Venezuela (2013): No Surprise, No Relief
Daniel Volberg, New York.
This article appeared in the February 2013 issue of Current Economics with permission of the author.
Key Concepts: Devaluation| Exchange Rate|Bolivar Fuerte
Key Economies: Venezuela
While the precise timing of Venezuela’s move to devalue the bolivar fuerte from 4.290 to 6.292 was unknown, the move had long been anticipated by Venezuela watchers as well as by the parallel rate (see Exhibit 1, below). And while the aim of the devaluation announced on Friday, February 8 was to shore up a deteriorating fiscal balance and stimulate an economy that has been suffering from significant shortages of basic goods in recent months, we are skeptical on both fronts. Indeed, our initial reading from the timing of the move is that it demonstrates that the authorities feel comfortable that they have solidified their base and that they expect they will be able to avoid having to call an election any time soon even in the event that the president’s situation deteriorates further.
While we believe that the devaluation was long overdue, we doubt that it will be enough to arrest the macro deterioration in Venezuela.

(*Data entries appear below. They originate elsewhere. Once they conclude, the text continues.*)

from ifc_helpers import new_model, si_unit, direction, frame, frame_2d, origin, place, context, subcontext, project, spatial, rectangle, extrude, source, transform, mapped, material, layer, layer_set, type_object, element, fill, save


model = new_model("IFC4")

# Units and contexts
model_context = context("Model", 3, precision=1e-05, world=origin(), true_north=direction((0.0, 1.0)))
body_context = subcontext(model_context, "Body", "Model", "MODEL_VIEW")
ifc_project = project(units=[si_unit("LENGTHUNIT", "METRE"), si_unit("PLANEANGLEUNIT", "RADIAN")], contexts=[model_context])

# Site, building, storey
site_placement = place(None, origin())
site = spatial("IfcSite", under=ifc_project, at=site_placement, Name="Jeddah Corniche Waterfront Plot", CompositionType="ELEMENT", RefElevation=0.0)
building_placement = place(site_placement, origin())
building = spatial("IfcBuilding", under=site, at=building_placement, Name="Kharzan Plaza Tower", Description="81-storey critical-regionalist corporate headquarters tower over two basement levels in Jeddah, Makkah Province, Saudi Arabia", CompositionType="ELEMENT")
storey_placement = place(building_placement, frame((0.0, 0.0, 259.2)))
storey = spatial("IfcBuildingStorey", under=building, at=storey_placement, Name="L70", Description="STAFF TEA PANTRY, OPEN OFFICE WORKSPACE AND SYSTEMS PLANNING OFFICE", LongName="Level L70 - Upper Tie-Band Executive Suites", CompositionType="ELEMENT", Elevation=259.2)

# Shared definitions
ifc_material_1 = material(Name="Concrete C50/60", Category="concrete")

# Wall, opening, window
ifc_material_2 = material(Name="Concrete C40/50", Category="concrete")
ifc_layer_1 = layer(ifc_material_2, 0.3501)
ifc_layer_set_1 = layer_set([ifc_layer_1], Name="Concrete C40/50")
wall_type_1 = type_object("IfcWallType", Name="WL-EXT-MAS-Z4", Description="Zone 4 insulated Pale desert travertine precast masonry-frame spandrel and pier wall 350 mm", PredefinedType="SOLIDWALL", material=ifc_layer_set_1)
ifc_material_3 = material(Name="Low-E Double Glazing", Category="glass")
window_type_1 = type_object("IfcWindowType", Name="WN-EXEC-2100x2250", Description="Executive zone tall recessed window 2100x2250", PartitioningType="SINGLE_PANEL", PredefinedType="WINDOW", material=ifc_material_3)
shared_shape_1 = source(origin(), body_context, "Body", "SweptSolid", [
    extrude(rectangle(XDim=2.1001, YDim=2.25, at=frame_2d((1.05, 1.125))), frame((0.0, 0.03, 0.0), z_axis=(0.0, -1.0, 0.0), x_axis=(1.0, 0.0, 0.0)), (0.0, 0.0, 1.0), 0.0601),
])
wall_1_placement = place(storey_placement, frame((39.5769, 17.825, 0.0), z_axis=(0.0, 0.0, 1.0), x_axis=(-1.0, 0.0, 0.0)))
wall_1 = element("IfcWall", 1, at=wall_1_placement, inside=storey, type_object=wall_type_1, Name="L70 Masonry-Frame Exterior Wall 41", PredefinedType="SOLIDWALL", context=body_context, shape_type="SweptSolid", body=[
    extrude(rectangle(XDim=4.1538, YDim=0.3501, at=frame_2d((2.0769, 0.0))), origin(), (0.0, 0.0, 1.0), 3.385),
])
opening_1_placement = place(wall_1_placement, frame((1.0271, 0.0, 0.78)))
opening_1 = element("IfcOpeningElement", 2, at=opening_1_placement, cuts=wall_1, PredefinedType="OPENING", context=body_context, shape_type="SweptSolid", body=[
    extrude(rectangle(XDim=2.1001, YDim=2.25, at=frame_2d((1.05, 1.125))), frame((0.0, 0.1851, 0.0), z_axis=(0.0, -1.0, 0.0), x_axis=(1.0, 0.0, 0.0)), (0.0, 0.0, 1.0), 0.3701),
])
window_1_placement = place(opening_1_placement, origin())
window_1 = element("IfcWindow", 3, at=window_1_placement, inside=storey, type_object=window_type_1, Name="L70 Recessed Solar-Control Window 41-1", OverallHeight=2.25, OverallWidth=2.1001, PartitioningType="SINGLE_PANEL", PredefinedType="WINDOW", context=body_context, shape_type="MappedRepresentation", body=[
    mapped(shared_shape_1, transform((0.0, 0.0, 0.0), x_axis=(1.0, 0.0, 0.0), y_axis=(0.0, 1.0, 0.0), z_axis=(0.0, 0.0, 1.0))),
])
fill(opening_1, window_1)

We would highlight three macro and political economy impacts of the devaluation.
Too Little, Too Late
The devaluation has so far failed to arrest the slide in the parallel exchange rate, which is now trading at nearly Bs$23/dollar (see Exhibit 1). While in our view that level may be artificially weak – driven partly by rationing of hard currency to certain sectors of the economy, it still signals that even post devaluation the official exchange rate remains misaligned. Furthermore, the decision to eliminate the SITME system for international bond trading reduces an important source of hard currency previously available at the 5.3/dollar exchange rate. Importers in need of hard currency are now left with the National Currency Commission (CADIVI) that has a track record of dragging out for many months the process of filling requests.
No Course Correction
We doubt that the devaluation is big enough to turn around Venezuela’s troubled public finances. While there is a paucity of up to date fiscal data in Venezuela, we estimate that the maximum potential improvement in the fiscal accounts due to the devaluation is roughly 2.7% of GDP and indeed we suspect that the likely impact is closer to 1% of GDP. While devaluation provides more bolivares fuertes for every dollar of oil revenue, Venezuela has seen an important increase in US dollar-denominated expenditure. Whichever estimate turns out to be right, it is far short of the needed adjustment. After all, in 2011, before last year’s election-related spending binge, Venezuela posted a fiscal deficit of -11.6% of GDP; a fiscal deficit greater than the budget shortfalls of all the other major economies in the region combined. And during 2012 – an election year – the fiscal results only deteriorated as spending soared. We are estimating that the fiscal shortfall in 2012 may have exceeded 12% of GDP despite elevated oil prices.
Nor does the devaluation materially alter the
trade-off between inflation and shortages of basic goods.
And the devaluation is unlikely to alleviate materially the dollar shortage in Venezuela. Official data reporting large current account surpluses appear inconsistent with independent estimates of Venezuela’s oil exports, dramatic decline in reserves and the large increase in external debt. Our estimate of an adjusted current account based on a combination of official data and independent estimates of Venezuela’s oil exports suggests that Venezuela’s balance of payments may be posting a current account deficit rather than the official surplus. That would help explain the dollar shortage prevalent in Venezuela. One way devaluation could potentially alleviate such a shortage is through reducing the demand for imported goods by making them more expensive. However, we suspect that this is unlikely to be a meaningful effect given that an increasingly interventionist state has curtailed domestic production of substitutes for many of the imported goods. Thus, until policymakers engineer a more wholesale policy regime change, we expect Venezuela will continue to rely on imports to satisfy domestic demand.
Nor do we expect the devaluation to relieve the dollar shortage by boosting exports. The combination of a still overvalued exchange rate with an inhospitable business climate means that we do not expect the devaluation to translate into a material increase in non-oil exports.
The only good news is that the devaluation’s impact on activity is likely to be modest – we expect no recession. Subdued but positive growth remains our base case scenario. After all, we expect solid domestic demand, financed in part by continued public sector largesse.
No Regime Change, No Elections
Furthermore, given the likely inflationary consequences of the devaluation, we suspect that it is evidence that authorities are not contemplating elections anytime soon. Indeed, the week before the devaluation, the authorities postponed the upcoming municipal elections from April to mid-July. Some Venezuela watchers continue to expect elections this year given that the constitution mandates elections 30 days after the president is found permanently absent. We suspect that the decision to devalue suggests that the political establishment is comfortable that the president’s health is sufficiently manageable that such an event remains highly unlikely.